#55 【お泊り】なぁリスナー、わたしの理性いつまで持つかな【黒猫燦/世良祭】①
【お泊り】なぁリスナー、わたしの理性いつまで持つかな【黒猫燦/世良祭】
41,192 人が視聴中・黒猫 燦 チャンネル登録者数 12.4万人
#黒猫さんの時間 #ふぇすてぃばるたいむ
:お泊りコラボってマジのマジですか?
:¥2,500 Twitterデート実況もっと詳しく!
:お互いに楽しくなって後半つぶやき減ってるのいいよね…
「こんばんにゃー黒猫燦にゃー」
凛音さんと夕飯含めて目一杯デートを楽しんで、ようやく帰ってきた。
目の前の凛音さんに夢中になって段々とSNSでつぶやく回数が減ったからか、今日はいつにも増して同接が多い。
:¥200 おかえりにゃー
:へぇ~デートかよ
:楽しかったか?
:祭ちゃんとデートできるぐらい成長してお父さん泣きそう
「いやー祭先輩とデート楽しかったよー。
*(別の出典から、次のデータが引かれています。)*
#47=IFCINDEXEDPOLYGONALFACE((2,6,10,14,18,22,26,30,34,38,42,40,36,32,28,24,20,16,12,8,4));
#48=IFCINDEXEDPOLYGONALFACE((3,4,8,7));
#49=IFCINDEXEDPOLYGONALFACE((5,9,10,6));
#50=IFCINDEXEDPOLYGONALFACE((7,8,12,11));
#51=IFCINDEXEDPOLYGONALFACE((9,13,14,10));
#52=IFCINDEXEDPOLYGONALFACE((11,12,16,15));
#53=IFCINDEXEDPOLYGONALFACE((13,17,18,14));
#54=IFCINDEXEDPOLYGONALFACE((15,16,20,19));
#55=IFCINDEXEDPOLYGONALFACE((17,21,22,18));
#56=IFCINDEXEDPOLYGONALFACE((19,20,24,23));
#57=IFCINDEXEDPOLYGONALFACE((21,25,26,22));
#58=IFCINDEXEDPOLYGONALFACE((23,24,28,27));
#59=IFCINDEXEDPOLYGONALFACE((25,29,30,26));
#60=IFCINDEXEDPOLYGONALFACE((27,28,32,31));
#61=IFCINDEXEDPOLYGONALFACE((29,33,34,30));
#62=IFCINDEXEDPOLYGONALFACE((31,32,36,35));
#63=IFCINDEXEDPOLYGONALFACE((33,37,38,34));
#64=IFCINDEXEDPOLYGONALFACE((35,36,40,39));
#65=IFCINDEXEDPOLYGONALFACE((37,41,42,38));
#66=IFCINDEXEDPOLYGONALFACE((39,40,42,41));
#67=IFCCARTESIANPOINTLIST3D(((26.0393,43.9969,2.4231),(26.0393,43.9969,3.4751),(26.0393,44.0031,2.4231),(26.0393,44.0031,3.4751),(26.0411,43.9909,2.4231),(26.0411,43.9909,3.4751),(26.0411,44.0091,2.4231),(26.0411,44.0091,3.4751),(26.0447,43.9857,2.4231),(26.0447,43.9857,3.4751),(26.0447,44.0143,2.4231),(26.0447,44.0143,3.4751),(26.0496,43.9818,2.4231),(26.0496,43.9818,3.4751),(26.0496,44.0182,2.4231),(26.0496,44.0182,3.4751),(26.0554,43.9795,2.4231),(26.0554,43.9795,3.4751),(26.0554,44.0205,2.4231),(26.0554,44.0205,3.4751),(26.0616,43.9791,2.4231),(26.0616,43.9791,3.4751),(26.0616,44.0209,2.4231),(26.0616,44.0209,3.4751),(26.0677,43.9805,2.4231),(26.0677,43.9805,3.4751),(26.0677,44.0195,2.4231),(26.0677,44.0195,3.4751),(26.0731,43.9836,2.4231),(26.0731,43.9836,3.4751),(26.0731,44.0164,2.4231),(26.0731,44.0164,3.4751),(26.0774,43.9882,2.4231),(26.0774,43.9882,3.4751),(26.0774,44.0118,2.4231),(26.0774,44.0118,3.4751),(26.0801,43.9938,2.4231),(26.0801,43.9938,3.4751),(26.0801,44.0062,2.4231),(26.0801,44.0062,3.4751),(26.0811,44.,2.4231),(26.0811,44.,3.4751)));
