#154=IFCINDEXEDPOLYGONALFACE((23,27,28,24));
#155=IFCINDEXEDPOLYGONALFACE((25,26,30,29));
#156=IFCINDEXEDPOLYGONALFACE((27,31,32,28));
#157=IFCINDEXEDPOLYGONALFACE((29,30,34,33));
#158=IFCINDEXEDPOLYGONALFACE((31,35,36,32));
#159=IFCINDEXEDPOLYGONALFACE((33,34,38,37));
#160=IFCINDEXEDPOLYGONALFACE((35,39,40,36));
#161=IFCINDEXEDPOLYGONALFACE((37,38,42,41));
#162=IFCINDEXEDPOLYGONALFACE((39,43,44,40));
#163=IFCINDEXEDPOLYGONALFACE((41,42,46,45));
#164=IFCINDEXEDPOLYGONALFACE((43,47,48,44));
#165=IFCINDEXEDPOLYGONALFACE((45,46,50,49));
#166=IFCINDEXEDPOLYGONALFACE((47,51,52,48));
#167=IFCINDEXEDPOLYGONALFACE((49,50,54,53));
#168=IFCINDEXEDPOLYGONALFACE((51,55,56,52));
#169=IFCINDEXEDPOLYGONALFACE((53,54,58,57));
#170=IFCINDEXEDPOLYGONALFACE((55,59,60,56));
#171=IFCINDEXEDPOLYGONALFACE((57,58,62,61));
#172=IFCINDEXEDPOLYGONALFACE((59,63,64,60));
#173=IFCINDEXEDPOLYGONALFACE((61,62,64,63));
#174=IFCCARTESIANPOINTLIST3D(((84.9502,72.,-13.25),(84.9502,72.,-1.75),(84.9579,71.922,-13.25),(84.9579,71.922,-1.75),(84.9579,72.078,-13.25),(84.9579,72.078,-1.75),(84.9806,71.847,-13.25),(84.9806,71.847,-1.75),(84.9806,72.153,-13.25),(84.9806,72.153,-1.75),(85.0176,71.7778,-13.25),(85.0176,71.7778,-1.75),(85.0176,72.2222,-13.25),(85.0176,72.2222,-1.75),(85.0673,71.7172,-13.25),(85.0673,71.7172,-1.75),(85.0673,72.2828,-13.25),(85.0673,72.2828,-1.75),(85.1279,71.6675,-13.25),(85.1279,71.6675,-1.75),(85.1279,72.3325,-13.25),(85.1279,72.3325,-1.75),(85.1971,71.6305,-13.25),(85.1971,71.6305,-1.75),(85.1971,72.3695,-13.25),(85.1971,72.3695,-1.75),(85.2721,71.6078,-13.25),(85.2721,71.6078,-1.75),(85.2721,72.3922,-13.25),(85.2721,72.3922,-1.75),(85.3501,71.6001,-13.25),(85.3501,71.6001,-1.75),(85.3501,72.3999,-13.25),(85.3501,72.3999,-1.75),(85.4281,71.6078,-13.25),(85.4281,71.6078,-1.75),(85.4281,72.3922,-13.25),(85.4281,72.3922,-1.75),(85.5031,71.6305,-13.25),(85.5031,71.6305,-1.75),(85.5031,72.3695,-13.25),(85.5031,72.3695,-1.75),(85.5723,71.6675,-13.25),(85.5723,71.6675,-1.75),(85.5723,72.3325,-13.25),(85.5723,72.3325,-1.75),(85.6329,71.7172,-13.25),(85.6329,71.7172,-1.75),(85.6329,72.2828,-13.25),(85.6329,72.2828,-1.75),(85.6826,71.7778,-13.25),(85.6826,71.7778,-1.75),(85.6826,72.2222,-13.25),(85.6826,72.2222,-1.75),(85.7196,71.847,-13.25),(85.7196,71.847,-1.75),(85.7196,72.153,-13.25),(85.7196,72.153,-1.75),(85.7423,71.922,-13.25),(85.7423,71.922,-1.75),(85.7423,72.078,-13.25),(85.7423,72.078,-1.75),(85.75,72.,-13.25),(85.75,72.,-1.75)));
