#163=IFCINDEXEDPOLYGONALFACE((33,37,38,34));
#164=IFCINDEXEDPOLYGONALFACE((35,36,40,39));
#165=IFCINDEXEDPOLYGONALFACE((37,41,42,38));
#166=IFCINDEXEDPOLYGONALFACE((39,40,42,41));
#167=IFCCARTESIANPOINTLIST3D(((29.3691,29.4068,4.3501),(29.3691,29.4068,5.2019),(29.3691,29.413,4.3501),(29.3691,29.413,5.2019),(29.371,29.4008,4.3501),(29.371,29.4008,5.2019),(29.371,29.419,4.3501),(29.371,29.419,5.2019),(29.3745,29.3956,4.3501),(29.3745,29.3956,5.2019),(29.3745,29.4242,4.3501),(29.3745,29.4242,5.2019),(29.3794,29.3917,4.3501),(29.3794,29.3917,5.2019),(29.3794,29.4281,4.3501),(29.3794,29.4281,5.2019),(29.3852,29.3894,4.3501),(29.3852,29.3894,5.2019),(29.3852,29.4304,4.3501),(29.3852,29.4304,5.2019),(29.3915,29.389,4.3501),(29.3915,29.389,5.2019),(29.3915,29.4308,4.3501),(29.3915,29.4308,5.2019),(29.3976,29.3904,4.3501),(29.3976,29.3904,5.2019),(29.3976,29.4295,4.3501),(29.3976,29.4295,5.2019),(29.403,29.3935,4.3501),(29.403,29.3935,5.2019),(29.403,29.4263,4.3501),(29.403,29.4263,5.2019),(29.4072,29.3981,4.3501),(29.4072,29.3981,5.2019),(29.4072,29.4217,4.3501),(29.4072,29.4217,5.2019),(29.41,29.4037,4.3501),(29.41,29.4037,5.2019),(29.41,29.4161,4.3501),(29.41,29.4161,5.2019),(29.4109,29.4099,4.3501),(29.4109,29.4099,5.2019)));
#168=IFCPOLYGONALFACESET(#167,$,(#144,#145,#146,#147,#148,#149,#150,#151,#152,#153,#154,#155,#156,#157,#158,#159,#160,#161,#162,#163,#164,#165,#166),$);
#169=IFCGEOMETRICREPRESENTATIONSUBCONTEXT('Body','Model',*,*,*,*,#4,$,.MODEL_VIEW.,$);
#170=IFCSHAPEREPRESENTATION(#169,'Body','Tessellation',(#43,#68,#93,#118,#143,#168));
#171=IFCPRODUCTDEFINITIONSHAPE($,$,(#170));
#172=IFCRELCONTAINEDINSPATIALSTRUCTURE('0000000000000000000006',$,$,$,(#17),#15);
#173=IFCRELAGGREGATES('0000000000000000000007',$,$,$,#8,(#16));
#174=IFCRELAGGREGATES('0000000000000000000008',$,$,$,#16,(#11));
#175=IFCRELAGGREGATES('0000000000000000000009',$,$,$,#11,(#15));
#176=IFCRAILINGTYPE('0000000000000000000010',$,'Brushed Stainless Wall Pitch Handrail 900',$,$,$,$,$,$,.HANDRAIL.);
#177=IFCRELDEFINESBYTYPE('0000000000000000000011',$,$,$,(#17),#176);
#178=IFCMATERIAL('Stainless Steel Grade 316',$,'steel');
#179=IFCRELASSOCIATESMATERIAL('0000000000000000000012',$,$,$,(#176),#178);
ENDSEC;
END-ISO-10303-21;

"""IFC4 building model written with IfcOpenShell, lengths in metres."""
悪いね推しとデートしちゃって! まあこれがあるてまの特権ってやつだから! にゃっふー!!」
:¥200 誰かこいつ黙らせろ
:¥250 オタクぅ!調子のんなよぉ!!
:てか祭ちゃんは?
:お泊りコラボなのに祭ちゃんいねーじゃん
:は?タイトル詐欺?チャンネル抜けました
開始数分、祭先輩が喋らないことに疑問を持ち始めたリスナーが段々とざわつきはじめる。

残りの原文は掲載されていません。